AFAIK, this situation does not occur in the test cases and, given the project is due tomorrow, we won't go out of our way to test it during grading, but if you want your code to be "bullet proof," you should check that you don't have this bug.
Here's an example program that illustrates this situation. It is tuned to expose the bug in a particular implementation. If you want to see if you have the same bug, you have to change the program around.
- Main program that adds 10 cities, all with eleveation 50: obscure.cpp.
- In the buggy version, the output shows that "Town 1" gets moved from the min heap to the max heap and then back to the min heap. Town 1 eventually gets deleted, but is still reported as the min and max items: buggy.txt.
- The fixed version detects when the root of a max heap happens to be the min value (and when the root of a min heap happens to be the max value): debugged.txt.
- [THu 11/23 09:40] Fixed typo in p4test6.cpp. The array cities2[] should have only 47 cities not 49. Please use latest version.
- [Tue 11/14 10:00] Fixed typo in p4test2.cpp. Please use latest version.
- [Thu 11/10 14:20] Updated p4test1.cpp and p4test7.cpp. Testing some edge cases was added to p4test1.cpp. Also, p4test7.cpp now includes calls to getMin(), getMedian() and getMax(). These functions should run in constant time, so they should be included in the timing runs.

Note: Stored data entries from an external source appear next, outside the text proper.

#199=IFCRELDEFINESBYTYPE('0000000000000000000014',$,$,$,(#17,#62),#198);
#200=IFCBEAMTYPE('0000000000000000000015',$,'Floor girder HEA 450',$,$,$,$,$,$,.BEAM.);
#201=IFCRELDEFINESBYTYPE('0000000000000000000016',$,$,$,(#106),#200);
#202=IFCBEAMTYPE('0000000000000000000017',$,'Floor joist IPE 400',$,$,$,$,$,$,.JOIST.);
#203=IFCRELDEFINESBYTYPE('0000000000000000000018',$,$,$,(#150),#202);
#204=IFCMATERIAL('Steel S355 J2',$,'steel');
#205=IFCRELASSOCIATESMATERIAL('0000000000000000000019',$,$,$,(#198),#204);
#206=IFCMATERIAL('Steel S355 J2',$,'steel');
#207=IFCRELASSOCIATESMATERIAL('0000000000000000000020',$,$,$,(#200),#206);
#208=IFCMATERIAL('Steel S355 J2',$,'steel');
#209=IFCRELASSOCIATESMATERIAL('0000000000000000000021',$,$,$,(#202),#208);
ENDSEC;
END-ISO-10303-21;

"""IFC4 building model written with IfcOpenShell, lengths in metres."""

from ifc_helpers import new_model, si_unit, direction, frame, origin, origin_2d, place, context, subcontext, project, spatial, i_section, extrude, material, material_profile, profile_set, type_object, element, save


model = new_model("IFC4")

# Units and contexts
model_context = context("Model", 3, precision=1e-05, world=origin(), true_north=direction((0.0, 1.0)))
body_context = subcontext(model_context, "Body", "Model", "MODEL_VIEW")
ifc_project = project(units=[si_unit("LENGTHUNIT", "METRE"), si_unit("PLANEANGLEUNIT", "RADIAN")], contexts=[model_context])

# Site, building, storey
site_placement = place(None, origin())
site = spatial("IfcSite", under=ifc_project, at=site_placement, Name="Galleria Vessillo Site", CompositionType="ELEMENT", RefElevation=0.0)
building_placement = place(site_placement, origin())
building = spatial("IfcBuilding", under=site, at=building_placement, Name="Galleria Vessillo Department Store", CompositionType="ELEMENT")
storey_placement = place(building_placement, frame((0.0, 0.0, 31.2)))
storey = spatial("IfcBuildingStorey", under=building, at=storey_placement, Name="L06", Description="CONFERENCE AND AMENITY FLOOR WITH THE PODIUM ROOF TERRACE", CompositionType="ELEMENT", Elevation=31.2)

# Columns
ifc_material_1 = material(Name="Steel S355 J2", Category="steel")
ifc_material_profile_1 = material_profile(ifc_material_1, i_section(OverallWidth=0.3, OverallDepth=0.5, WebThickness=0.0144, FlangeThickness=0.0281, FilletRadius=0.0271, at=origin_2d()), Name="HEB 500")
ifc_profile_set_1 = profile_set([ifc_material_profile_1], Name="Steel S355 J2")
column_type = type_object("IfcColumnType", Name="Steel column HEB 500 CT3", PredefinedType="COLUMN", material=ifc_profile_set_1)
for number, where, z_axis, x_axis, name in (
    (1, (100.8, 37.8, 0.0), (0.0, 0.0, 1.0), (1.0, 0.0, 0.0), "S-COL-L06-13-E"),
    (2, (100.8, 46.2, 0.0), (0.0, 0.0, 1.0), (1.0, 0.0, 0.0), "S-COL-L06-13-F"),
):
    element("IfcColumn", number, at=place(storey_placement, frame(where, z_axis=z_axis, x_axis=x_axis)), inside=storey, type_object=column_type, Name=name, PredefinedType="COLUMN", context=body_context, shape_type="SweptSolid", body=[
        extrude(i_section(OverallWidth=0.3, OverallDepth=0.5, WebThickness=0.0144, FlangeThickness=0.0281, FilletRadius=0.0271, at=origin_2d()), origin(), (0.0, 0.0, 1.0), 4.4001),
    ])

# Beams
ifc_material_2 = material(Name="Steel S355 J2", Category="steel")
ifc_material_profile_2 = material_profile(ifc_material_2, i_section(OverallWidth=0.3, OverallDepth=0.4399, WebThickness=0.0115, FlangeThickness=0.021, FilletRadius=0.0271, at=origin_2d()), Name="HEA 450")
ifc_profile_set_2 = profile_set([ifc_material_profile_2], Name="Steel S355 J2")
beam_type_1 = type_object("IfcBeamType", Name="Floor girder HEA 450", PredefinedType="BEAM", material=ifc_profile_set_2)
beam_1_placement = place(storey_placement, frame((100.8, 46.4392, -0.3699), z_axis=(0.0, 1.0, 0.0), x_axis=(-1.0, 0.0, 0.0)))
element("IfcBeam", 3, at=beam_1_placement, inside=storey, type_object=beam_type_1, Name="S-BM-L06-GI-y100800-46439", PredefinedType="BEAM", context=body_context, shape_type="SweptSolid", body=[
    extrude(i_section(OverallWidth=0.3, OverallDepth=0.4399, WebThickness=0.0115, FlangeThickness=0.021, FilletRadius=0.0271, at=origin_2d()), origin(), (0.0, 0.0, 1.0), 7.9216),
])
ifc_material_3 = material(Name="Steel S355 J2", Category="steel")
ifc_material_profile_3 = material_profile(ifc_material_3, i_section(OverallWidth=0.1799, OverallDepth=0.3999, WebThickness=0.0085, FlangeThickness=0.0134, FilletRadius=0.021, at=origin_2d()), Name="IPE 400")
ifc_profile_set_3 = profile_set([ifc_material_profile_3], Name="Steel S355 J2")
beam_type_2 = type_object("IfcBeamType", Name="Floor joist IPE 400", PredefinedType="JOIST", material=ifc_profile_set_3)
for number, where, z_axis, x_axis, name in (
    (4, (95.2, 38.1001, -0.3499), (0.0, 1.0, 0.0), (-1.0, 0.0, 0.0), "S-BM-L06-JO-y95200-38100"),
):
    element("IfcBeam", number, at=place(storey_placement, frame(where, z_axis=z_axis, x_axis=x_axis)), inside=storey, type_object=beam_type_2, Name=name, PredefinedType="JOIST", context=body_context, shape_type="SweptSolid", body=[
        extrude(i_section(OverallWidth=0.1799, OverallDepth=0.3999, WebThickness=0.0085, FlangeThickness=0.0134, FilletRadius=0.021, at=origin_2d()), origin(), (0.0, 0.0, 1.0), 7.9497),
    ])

- [Thu 11/10 14:20] Simplified g++ command for p4test7.cpp. It does not have to be compiled with the City class.
Objectives
The objective of this programming assignment is for you to gain experience working with binary heaps, templates and function pointers.Background
The premise of this project is that you are asked to design a data structure for keeping track of three statistics: minimum, maximum and median. The data structure has to support efficient insertion, but does not have to support efficient search or remove.
These requirements can be handled easily using two binary heaps: a max heap and a min heap. Recall that a max heap has the largest value at the root and a min heap has the smallest value at the root. Our intention is to store half of the numbers in the max heap and the other half in the min heap. Furthermore, we want to have all of the numbers in the max heap to be smaller than the numbers in the min heap. In such an arrangement, the median will be either the root of the max heap or the root of the min heap. (Take a moment now to digest that the smaller numbers go in the max heap.)
When we insert more items in this data structure, we can compare the item with the current median. If it is smaller than the current median then we would store it in the max heap. Otherwise, it should go in the min heap. Since insertion in a binary heap is O(log n) time, this satisfies our requirement for efficient insertion.
Now, this can mess up our balance — the sizes of the max heap and min heap should never differ by more than one. To "rebalance" our heaps when one heap has two more items than the other heap, we simply remove the root of the larger heap and insert it in the other heap. Since removing the root and inserting take only O(log n) time, we continue to maintain a O(log n) running time.
In this scheme, we can actually report the median item in O(1) time since the median item is one of the roots. We also want to be able to report the minimum and maximum item in O(1) time. This can be accomplished by simply remembering which items are the smallest and largest seen so far. When you insert an item, check to see if it is the new minimum or the new maximum. These scheme works until you have to remove something from the data structure.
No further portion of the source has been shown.